Vorläufig lässt sich der entstandene Schaden folgendermaßen zusammenfassen: meine Eltern, die mir sehr helfen mussten, und ich sind natürlich hiervon schwer betroffen, zunächst in psychischer Hinsicht aufgrund des Terrors, der seit dem vorigen Jahr auf mich ausgeübt wurde, aber auch materiell: durch den enormen Zeitverlust und durch das Ausbleiben jeglichen nennenswerten Auftrags seit den vielfachen Aktionen von Herrn [...], der von meinen Vermietern und deren Anwalt (eine eigene Anzeige sie betreffend folgt in Kürze) bevollmächtigt war und der dazu beigetragen hat, mich in meiner Umgebung in Misskredit zu bringen. Seit Dezember des vorigen Jahres habe ich tatsächlich keinen Auftrag mehr bekommen, trotz eines Arbeitsvertrags, der erst im Juli 2010 endet.
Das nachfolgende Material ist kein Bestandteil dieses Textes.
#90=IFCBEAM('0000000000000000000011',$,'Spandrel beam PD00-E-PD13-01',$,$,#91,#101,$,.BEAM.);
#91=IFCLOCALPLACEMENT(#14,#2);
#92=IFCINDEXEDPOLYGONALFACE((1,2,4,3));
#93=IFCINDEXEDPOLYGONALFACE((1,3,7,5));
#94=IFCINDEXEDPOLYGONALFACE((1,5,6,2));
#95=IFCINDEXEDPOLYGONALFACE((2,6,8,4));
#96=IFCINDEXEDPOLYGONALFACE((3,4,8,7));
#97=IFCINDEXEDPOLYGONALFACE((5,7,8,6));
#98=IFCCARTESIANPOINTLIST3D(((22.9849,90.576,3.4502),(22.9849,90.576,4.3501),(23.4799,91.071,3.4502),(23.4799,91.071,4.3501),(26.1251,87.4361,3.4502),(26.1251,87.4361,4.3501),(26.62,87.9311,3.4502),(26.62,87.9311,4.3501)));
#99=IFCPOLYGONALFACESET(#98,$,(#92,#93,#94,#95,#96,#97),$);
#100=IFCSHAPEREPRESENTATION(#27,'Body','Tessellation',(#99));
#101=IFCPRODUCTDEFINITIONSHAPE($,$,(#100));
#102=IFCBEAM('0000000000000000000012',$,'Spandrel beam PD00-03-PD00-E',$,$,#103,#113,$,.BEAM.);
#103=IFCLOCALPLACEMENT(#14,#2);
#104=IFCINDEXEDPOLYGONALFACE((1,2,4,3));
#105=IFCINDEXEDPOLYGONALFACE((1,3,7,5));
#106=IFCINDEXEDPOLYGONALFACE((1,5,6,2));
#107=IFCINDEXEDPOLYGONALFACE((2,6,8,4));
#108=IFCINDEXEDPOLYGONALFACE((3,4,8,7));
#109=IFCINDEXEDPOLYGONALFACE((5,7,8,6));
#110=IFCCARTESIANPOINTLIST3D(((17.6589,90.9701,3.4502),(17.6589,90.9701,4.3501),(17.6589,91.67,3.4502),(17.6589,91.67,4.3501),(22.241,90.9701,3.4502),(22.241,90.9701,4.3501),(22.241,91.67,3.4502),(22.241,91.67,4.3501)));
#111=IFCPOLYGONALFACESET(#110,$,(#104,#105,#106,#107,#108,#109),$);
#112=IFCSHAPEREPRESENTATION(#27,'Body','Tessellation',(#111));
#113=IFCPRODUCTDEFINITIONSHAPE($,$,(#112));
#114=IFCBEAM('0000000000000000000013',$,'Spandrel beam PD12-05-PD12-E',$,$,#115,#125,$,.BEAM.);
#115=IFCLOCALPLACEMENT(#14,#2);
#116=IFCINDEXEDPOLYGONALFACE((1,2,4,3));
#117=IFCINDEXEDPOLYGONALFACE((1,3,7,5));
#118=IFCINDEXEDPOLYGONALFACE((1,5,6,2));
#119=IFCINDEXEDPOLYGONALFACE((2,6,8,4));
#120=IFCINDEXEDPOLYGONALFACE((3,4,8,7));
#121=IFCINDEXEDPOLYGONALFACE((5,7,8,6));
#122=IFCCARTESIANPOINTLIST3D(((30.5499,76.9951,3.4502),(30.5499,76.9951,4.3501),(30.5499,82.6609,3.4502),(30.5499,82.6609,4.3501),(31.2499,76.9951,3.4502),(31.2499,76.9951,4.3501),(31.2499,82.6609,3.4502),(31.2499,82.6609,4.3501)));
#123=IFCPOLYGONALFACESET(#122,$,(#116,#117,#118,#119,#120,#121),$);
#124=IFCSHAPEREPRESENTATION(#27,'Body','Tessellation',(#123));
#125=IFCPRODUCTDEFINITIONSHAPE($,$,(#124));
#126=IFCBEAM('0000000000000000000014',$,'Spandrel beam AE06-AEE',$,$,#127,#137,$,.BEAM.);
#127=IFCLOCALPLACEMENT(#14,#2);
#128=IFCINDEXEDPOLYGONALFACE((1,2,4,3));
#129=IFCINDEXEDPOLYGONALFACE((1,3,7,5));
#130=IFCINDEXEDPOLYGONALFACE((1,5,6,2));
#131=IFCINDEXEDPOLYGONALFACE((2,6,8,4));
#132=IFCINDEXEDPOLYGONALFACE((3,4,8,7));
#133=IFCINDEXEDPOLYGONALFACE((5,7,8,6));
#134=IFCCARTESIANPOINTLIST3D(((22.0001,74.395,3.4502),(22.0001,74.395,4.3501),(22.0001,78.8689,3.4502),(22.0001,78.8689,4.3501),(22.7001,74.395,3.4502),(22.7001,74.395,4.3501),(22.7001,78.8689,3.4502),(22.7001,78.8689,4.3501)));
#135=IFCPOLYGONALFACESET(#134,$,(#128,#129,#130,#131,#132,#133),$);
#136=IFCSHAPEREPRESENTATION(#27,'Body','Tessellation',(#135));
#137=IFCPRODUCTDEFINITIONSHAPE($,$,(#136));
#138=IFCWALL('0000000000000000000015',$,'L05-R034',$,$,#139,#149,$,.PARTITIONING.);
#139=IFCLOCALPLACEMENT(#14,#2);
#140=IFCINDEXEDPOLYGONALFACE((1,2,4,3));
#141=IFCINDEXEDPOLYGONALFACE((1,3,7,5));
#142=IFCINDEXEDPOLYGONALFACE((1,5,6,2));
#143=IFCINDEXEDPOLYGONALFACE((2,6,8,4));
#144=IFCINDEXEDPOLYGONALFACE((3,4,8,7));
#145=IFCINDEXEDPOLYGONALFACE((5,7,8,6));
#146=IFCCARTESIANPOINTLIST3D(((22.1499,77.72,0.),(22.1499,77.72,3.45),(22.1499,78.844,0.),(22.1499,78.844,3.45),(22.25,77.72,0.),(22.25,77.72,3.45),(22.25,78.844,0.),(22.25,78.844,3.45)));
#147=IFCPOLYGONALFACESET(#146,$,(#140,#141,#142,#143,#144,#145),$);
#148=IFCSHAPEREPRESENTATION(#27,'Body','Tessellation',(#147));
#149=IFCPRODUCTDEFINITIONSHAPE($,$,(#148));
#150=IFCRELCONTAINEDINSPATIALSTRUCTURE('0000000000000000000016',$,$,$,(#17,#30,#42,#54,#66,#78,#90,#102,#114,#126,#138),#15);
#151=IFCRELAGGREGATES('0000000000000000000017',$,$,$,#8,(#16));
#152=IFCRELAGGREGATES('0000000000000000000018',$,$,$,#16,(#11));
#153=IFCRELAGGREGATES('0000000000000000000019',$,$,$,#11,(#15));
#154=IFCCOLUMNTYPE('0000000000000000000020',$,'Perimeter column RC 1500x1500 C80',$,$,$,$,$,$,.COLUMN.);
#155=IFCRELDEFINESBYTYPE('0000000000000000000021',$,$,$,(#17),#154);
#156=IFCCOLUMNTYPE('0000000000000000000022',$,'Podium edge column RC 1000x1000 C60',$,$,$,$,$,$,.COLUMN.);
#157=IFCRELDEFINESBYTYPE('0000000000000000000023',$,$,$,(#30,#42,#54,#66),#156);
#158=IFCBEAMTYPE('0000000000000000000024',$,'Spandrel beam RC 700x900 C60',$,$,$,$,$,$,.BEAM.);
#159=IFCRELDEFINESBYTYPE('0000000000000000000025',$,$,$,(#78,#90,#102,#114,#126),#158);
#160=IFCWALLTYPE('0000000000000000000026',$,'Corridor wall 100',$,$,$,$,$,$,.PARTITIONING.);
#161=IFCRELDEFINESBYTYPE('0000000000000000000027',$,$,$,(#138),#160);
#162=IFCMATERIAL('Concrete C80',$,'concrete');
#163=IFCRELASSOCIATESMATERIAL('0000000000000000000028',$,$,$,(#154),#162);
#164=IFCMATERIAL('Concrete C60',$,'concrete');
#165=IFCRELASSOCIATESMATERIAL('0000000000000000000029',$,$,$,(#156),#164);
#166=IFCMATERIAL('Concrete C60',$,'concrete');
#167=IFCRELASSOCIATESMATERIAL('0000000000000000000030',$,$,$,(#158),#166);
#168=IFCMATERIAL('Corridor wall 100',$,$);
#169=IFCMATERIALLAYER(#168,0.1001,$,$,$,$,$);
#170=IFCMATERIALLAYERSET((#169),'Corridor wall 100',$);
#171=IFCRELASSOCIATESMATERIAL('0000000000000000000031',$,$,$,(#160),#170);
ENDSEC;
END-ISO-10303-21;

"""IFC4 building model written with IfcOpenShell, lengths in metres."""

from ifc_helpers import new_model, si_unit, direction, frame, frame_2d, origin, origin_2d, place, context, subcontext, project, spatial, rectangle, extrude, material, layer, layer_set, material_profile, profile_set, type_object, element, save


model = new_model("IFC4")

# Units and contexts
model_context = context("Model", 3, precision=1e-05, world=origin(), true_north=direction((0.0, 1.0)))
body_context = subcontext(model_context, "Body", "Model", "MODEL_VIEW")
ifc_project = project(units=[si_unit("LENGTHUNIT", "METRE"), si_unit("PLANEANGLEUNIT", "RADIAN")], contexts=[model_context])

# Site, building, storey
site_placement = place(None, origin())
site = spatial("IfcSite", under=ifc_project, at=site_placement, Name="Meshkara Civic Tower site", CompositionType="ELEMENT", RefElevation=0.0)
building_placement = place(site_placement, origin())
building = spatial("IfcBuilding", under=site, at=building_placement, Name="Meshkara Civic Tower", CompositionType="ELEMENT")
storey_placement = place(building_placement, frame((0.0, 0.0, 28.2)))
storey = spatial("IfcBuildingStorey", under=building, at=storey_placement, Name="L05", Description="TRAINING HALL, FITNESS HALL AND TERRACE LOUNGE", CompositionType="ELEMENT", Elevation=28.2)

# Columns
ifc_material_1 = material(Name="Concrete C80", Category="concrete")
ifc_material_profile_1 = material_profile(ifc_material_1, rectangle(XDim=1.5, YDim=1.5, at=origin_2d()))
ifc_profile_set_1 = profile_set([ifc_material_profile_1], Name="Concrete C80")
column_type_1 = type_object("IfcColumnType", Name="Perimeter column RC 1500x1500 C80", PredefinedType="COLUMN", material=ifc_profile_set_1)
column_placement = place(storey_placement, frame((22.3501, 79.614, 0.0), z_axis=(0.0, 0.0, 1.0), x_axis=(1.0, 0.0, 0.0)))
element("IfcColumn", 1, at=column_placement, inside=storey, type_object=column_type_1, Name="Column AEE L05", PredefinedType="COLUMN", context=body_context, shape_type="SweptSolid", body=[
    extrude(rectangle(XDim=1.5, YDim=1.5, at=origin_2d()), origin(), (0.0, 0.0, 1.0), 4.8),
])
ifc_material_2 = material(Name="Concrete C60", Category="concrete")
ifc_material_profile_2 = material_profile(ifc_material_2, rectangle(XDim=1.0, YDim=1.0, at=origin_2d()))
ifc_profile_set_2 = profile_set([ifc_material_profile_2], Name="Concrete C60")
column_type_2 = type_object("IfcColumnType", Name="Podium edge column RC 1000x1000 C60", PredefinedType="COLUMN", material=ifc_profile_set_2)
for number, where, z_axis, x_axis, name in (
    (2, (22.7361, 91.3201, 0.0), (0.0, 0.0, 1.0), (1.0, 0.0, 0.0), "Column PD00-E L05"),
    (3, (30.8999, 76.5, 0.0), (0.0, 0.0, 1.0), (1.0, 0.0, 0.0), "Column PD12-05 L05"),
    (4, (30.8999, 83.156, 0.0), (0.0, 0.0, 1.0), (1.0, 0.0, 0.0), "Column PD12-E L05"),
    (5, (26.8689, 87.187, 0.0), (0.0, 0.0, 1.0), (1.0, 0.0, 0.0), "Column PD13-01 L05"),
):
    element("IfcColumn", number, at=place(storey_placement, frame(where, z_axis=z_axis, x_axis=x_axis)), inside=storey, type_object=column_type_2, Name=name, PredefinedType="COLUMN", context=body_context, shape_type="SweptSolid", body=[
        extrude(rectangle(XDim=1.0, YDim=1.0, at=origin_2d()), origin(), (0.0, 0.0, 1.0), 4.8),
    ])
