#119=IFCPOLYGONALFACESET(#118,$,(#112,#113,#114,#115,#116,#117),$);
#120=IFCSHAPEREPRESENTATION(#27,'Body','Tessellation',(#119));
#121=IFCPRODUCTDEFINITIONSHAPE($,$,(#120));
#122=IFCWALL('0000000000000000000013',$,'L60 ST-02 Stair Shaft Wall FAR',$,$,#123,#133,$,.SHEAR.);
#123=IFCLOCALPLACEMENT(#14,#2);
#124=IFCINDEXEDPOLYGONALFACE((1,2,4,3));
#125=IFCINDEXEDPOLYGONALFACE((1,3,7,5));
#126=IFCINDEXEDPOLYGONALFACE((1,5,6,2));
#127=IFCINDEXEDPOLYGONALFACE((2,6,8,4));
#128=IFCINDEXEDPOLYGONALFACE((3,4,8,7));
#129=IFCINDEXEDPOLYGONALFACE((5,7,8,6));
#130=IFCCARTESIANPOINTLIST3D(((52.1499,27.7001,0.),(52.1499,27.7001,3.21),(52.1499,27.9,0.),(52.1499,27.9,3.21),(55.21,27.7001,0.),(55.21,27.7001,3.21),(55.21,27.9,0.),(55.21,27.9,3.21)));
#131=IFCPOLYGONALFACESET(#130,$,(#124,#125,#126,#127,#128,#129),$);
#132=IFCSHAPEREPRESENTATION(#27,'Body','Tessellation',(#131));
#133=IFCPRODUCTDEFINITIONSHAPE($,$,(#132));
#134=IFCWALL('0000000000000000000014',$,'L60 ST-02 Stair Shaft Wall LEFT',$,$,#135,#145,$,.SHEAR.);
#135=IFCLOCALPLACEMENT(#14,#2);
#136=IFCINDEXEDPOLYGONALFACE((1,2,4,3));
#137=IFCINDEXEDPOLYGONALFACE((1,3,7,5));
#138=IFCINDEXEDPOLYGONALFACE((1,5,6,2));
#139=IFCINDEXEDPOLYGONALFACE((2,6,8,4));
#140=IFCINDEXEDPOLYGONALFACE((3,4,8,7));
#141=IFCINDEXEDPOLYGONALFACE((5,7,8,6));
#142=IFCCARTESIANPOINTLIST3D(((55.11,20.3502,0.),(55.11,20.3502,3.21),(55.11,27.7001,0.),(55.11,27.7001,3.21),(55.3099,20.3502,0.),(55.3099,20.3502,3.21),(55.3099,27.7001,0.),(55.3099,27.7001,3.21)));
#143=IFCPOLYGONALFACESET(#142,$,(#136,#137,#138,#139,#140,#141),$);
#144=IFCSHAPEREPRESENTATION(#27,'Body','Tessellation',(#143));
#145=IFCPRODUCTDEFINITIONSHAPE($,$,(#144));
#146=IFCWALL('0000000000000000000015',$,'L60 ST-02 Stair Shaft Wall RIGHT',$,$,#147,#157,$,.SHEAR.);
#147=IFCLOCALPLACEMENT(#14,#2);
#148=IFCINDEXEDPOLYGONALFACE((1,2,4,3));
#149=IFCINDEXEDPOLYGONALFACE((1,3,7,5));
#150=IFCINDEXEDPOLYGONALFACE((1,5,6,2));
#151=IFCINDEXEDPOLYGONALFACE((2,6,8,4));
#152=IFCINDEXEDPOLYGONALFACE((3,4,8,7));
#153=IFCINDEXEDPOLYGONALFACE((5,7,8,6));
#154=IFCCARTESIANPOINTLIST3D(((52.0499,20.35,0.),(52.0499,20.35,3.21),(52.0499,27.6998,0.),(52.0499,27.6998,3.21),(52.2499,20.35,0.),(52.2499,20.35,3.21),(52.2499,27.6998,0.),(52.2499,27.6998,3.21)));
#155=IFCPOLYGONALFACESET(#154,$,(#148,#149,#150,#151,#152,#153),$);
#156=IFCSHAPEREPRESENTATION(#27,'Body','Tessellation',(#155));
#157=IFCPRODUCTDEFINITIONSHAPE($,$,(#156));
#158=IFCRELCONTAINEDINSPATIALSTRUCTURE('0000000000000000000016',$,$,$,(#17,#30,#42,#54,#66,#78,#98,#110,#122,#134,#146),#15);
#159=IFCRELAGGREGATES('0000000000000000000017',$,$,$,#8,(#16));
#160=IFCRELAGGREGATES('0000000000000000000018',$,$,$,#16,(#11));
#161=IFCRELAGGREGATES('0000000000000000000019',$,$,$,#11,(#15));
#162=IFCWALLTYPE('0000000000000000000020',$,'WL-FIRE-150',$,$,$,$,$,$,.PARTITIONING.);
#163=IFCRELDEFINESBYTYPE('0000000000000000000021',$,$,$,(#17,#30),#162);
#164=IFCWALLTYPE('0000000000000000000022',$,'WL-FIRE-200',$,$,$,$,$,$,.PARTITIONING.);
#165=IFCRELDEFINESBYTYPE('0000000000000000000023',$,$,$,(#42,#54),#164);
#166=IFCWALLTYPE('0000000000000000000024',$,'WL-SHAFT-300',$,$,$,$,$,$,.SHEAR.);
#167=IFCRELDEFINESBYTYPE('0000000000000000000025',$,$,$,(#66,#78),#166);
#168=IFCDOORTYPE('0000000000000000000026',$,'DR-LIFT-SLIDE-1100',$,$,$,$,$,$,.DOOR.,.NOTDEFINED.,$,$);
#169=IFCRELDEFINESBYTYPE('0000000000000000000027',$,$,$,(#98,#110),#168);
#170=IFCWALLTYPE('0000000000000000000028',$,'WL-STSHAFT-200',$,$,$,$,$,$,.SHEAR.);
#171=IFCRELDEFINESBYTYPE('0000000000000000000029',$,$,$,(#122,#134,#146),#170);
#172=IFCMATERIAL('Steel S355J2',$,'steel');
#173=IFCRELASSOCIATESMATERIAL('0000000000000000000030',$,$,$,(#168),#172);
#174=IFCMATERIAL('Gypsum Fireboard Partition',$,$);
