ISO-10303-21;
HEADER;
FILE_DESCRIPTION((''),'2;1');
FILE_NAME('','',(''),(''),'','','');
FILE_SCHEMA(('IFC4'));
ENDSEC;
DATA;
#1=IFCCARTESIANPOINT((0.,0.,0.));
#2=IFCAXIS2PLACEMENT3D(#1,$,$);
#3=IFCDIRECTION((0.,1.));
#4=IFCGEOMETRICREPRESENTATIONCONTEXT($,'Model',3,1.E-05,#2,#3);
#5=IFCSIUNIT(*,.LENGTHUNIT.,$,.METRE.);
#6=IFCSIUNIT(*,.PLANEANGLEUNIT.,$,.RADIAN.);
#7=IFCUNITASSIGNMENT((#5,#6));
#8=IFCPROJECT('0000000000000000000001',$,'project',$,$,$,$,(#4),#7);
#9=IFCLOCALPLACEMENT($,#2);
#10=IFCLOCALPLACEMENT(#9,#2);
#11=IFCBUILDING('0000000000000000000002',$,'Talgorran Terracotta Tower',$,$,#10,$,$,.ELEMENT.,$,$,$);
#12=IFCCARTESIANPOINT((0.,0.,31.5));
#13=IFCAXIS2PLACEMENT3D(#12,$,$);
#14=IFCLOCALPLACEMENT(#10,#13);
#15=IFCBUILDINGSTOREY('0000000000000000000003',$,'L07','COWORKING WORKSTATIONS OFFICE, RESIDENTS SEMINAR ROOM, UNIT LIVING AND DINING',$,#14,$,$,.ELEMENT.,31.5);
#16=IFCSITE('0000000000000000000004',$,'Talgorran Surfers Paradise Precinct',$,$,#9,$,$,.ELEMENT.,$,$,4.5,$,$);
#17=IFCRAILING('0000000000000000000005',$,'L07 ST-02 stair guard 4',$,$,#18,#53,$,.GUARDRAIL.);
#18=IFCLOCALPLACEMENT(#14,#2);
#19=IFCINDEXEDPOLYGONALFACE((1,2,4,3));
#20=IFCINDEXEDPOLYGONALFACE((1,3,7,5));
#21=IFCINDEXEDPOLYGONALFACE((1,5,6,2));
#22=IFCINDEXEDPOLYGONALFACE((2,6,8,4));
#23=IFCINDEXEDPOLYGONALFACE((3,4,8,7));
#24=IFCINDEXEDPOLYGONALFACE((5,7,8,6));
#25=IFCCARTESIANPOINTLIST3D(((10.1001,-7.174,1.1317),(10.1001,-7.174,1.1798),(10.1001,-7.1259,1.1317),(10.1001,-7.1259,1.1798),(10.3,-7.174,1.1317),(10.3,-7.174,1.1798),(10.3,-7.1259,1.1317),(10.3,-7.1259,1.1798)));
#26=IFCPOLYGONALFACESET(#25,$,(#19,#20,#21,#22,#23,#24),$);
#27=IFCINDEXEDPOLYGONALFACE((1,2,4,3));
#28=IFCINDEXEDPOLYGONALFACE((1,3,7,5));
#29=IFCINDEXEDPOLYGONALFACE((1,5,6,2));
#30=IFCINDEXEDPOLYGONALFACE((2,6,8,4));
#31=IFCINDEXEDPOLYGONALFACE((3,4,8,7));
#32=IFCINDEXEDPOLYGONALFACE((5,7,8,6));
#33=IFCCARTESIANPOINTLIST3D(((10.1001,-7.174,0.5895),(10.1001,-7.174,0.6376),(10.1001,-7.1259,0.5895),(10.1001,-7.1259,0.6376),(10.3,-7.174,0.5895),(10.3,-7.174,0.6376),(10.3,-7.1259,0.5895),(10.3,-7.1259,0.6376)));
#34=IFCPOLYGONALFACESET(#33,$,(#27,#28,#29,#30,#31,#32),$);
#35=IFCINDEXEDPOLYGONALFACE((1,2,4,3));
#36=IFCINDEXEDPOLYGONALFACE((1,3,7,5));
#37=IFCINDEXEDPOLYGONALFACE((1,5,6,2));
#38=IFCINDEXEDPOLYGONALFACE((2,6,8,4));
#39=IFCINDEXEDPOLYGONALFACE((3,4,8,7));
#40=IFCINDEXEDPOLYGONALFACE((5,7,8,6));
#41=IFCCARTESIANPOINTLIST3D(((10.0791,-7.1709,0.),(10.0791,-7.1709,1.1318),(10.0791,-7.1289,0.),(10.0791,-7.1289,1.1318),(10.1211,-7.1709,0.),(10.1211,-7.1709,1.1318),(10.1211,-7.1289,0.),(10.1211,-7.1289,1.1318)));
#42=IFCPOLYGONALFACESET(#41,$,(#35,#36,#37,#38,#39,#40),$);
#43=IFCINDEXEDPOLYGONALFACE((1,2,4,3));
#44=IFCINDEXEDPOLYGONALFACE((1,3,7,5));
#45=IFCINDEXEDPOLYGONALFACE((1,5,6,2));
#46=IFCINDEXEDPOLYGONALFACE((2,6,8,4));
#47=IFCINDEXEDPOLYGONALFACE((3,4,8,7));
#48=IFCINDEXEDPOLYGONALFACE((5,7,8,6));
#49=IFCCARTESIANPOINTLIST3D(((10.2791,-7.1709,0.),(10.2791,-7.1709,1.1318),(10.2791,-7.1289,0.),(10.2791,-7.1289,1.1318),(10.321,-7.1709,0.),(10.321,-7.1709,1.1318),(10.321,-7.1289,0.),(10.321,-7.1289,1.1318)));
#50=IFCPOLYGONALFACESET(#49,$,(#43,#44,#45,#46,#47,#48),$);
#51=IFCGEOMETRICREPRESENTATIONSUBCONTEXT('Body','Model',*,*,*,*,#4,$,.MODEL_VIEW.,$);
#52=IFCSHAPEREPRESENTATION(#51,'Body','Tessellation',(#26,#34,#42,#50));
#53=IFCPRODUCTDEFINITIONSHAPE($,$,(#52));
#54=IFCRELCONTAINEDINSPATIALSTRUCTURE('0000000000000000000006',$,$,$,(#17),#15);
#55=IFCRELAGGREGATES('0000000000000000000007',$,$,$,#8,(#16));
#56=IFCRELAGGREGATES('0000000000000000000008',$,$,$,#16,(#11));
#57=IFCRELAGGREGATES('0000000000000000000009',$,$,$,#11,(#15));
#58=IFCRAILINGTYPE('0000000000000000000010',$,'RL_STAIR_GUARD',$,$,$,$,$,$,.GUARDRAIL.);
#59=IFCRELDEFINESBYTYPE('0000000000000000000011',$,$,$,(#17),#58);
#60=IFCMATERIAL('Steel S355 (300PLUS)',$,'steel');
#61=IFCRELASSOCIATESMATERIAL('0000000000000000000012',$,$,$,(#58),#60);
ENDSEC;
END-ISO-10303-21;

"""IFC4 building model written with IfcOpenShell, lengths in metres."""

from ifc_helpers import new_model, si_unit, direction, frame, origin, origin_2d, place, context, subcontext, project, spatial, rectangle, extrude, material, type_object, element, save


model = new_model("IFC4")

# Units and contexts
model_context = context("Model", 3, precision=1e-05, world=origin(), true_north=direction((0.0, 1.0)))
body_context = subcontext(model_context, "Body", "Model", "MODEL_VIEW")
ifc_project = project(units=[si_unit("LENGTHUNIT", "METRE"), si_unit("PLANEANGLEUNIT", "RADIAN")], contexts=[model_context])

# Site, building, storey
site_placement = place(None, origin())
site = spatial("IfcSite", under=ifc_project, at=site_placement, Name="Talgorran Surfers Paradise Precinct", CompositionType="ELEMENT", RefElevation=4.5)
building_placement = place(site_placement, origin())
building = spatial("IfcBuilding", under=site, at=building_placement, Name="Talgorran Terracotta Tower", CompositionType="ELEMENT")
storey_placement = place(building_placement, frame((0.0, 0.0, 31.5)))
storey = spatial("IfcBuildingStorey", under=building, at=storey_placement, Name="L07", Description="COWORKING WORKSTATIONS OFFICE, RESIDENTS SEMINAR ROOM, UNIT LIVING AND DINING", CompositionType="ELEMENT", Elevation=31.5)

# Shared definitions
ifc_material_1 = material(Name="Steel S355 (300PLUS)", Category="steel")

# Railing
railing_type_1 = type_object("IfcRailingType", Name="RL_STAIR_GUARD", PredefinedType="GUARDRAIL", material=ifc_material_1)
railing_1_placement = place(storey_placement, frame((10.1001, -7.1499, 0.0)))
element("IfcRailing", 1, at=railing_1_placement, inside=storey, type_object=railing_type_1, Name="L07 ST-02 stair guard 4", PredefinedType="GUARDRAIL", context=body_context, shape_type="SweptSolid", body=[
    extrude(rectangle(XDim=0.0481, YDim=0.0481, at=origin_2d()), frame((0.0, 0.0, 1.1558), z_axis=(1.0, 0.0, 0.0), x_axis=(0.0, 1.0, 0.0)), (0.0, 0.0, 1.0), 0.2),
    extrude(rectangle(XDim=0.0481, YDim=0.0481, at=origin_2d()), frame((0.0, 0.0, 0.6135), z_axis=(1.0, 0.0, 0.0), x_axis=(0.0, 1.0, 0.0)), (0.0, 0.0, 1.0), 0.2),
    extrude(rectangle(XDim=0.042, YDim=0.042, at=origin_2d()), origin(), (0.0, 0.0, 1.0), 1.1318),
    extrude(rectangle(XDim=0.042, YDim=0.042, at=origin_2d()), frame((0.2, 0.0, 0.0)), (0.0, 0.0, 1.0), 1.1318),
])

save(model, "model.ifc")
Ich wäre Ihnen dankbar, wenn Sie mich von Ihren weiteren rechtlichen Schritten in dieser Sache in Kenntnis setzen möchten.

Hochachtungsvoll

(meine Unterschrift)


Anlagen: Ablichtungen des „Mietzahlungsbefehls“ vom 2.07.09 (8 Blatt),
meiner Antwort per E-Mail vom 5.07.09 (1 Bl.),
per Einschreiben vom 06.07.09 (2 Bl.),
der unter meiner Zimmertür hergeschobenen
„Besuchsbestätigungen“ vom 20.07.09 (3 Bl.),
vom 23.03.10 und
vom 26.03.10 (2×),
der Ladung zu einer Gerichtssitzung vom 15.03.10 (1 Bl.),
des „Zustellungsprotokolls“ vom 23.03.10 (4 Bl.),
des „Räumungsbefehls“ vom 26.03.10 (2 Bl.),
meiner Antwort per E-Mail vom 1.04.10
sowie des Belegs für mein Einschreiben vom 31.03.10 (1 Bl.).